It's been an exciting decade in the Python world. Since I wrote the first edition of this book in 1995 and 1996, Python has grown from a new kid on the scripting-languages block to an established and widely used tool in companies around the world. In fact, today the real question is not who is using Python, but who is not. Python is now used in some fashion in almost every software organization—whether as a tactical tool for quick tasks or an implementation language for longer-range strategic projects.

Although measuring the popularity of an open source, freely distributed tool such as Python is not always easy (there are no licenses to be tallied), most available statistics reveal exponential growth in Python's popularity over the last decade. Among the most recent signs of Python's explosive growth are:


In 1999, one leading industry observer suggested that, based on various statistics, there were as many as 300,000 Python users worldwide. Other estimates are still more optimistic. In early 2000, for instance, the Python web site was already on track to service 500,000 new Python interpreter downloads by year end in addition to other Python distribution media. Python is also a standard preinstalled item on Linux, Macintosh, and some Windows computers today and is embedded in various applications and hardware.

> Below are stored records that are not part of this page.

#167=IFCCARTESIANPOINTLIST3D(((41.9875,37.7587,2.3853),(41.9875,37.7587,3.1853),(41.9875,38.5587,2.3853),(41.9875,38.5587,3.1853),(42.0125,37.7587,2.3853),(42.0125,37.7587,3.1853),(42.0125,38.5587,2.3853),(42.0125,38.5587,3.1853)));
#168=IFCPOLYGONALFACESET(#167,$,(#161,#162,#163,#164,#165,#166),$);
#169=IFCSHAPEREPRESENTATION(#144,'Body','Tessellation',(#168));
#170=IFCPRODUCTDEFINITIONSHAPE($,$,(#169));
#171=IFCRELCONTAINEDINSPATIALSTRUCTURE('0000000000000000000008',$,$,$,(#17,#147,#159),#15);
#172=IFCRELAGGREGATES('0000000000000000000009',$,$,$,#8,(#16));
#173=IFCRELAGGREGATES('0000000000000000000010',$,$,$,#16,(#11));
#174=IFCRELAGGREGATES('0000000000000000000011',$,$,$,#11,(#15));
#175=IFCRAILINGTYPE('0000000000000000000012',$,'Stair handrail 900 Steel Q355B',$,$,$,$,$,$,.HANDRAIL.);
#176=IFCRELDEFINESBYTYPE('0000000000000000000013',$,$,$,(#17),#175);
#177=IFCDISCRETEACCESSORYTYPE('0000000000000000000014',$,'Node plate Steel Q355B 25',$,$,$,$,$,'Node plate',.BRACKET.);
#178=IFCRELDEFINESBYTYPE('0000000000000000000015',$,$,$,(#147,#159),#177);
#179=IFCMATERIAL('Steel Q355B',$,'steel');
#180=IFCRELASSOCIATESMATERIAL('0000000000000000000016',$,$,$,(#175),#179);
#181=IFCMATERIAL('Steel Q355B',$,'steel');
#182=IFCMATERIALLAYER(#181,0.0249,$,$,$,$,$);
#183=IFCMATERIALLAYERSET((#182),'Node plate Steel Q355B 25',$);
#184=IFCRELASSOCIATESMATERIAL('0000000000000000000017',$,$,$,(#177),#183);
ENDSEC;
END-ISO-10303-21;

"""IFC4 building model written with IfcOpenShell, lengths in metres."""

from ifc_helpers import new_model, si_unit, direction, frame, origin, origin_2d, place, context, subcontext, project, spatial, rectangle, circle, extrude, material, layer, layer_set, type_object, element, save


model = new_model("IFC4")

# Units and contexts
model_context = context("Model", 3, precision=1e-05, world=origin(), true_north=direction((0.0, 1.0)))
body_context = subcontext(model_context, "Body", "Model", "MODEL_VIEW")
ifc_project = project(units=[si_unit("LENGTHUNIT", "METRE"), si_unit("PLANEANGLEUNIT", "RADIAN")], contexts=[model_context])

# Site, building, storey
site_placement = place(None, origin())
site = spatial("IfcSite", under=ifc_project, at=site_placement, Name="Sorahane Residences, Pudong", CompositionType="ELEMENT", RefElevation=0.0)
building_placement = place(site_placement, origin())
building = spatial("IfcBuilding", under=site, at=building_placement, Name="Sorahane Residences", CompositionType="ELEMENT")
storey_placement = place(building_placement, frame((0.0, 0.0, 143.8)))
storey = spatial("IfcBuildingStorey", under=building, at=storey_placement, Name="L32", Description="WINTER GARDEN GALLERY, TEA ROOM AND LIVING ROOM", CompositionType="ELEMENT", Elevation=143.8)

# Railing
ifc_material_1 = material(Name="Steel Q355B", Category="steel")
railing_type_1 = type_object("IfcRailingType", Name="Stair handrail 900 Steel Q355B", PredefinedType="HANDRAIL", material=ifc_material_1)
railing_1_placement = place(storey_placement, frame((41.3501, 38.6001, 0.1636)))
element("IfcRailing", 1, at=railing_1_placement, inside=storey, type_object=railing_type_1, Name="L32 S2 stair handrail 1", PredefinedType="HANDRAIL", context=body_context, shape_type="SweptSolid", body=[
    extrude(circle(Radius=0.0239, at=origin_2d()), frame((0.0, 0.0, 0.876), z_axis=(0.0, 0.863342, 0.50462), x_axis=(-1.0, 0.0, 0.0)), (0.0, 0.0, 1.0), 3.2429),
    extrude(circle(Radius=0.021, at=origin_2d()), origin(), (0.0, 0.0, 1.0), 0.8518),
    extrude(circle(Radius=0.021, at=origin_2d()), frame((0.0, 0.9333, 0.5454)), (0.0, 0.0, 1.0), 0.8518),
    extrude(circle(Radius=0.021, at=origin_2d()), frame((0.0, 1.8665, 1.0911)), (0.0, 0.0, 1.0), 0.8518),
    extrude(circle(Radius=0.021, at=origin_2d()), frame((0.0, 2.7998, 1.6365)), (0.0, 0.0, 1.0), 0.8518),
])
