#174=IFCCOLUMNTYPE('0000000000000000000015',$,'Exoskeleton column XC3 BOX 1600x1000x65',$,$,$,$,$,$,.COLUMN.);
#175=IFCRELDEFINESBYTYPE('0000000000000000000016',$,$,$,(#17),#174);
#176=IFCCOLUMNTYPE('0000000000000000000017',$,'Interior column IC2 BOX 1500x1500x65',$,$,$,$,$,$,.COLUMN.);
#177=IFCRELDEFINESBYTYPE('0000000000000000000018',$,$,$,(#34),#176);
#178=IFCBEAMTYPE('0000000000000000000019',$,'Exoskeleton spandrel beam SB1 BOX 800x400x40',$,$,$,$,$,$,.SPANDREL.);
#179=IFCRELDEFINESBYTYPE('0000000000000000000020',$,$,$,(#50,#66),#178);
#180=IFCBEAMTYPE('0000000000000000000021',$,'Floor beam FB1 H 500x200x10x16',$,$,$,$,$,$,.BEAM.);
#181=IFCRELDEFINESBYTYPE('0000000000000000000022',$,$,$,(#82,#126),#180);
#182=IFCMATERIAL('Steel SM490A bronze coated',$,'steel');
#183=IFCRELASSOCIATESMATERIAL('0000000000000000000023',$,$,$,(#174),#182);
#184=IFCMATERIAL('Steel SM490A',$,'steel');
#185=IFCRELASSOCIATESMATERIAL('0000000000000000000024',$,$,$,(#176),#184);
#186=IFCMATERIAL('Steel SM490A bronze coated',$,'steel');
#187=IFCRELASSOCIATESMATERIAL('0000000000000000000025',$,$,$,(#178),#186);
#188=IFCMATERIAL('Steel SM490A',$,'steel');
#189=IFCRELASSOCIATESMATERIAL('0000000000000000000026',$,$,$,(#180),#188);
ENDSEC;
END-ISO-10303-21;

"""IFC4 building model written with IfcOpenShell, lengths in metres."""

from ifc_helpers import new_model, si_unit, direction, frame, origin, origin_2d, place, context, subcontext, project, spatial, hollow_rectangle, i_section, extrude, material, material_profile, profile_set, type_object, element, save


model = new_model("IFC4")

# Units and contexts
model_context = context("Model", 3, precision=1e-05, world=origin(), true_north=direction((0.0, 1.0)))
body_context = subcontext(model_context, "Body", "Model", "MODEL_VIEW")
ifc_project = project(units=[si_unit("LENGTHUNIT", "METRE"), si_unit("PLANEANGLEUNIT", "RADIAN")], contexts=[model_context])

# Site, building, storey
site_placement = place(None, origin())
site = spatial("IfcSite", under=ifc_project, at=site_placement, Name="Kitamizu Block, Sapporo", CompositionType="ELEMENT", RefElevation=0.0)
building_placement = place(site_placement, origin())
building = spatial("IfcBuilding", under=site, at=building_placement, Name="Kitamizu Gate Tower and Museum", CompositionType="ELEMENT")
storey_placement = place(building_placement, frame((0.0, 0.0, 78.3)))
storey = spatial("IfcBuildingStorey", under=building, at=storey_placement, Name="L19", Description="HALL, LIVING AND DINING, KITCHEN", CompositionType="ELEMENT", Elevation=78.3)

Today, the best estimates, based on developer surveys and network activity, suggest that there are likely between 750,000 and 1 million Python users worldwide. A better estimate is impossible because of Python's open source nature, but Python clearly enjoys a large and active user community.


Real organizations have adopted Python and Python-focused systems for real projects. It has been used to:

  • Animate movies (Industrial Light & Magic, Sony Pictures Imageworks, Disney, Pixar)

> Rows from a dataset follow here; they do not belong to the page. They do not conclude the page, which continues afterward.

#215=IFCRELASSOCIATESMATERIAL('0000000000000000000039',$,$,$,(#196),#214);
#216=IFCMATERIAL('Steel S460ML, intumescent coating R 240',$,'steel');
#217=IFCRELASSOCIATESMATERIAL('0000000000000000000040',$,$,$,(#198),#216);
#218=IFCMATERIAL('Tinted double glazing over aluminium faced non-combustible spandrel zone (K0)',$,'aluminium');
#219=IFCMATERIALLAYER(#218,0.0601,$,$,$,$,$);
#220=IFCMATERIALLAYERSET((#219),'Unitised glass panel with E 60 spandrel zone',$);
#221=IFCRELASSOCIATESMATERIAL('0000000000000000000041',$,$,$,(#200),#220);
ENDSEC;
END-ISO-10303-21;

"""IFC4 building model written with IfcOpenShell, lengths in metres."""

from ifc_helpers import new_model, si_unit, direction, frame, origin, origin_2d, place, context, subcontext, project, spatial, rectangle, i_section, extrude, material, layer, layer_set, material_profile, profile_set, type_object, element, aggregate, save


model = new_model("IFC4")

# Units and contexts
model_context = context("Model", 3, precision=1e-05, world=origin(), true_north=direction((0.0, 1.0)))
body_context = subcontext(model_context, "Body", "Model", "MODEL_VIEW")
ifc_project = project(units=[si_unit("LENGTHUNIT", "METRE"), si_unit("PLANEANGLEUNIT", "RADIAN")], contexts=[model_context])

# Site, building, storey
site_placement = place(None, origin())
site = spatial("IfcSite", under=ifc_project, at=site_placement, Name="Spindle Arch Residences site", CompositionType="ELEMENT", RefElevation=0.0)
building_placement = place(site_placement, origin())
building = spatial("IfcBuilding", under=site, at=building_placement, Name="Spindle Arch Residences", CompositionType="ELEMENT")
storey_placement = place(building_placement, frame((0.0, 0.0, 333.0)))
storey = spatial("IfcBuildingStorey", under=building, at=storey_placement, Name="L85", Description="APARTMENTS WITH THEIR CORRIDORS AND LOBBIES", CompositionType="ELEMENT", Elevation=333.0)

  • Perform searches on the Internet (Google, Infoseek)

  • Script GIS mapping products (ESRI)

  • Distribute content downloads on the Internet (BitTorrent)

  • Predict the weather (U.S. National Weather Service, NOAA)

  • Test computer hardware (Seagate, Intel, Hewlett-Packard, Micron, KLA)

  • Do numeric analysis (NASA, Los Alamos National Laboratory, Lawrence Livermore National Laboratory, Fermi)

  • Perform cryptography and stock market analysis (NSA, Getco)

  • Script games and graphics (Origin, Corel, Blender, PyGame)

  • Navigate spacecraft and control experiments (Jet Propulsion Laboratory)

  • Serve up maps and directories on the Web (Yahoo!)

  • Guide users through Linux installation and maintenance (Red Hat)

  • Implement web sites and content (Disney, JPL, Zope, Plone, Twisted)

  • Design missile defense systems (Lockheed Martin)

  • Manage mail lists (Mailman)

  • Deliver eGreeting cards (American Greetings)

  • Implement Personal Information Managers (Chandler)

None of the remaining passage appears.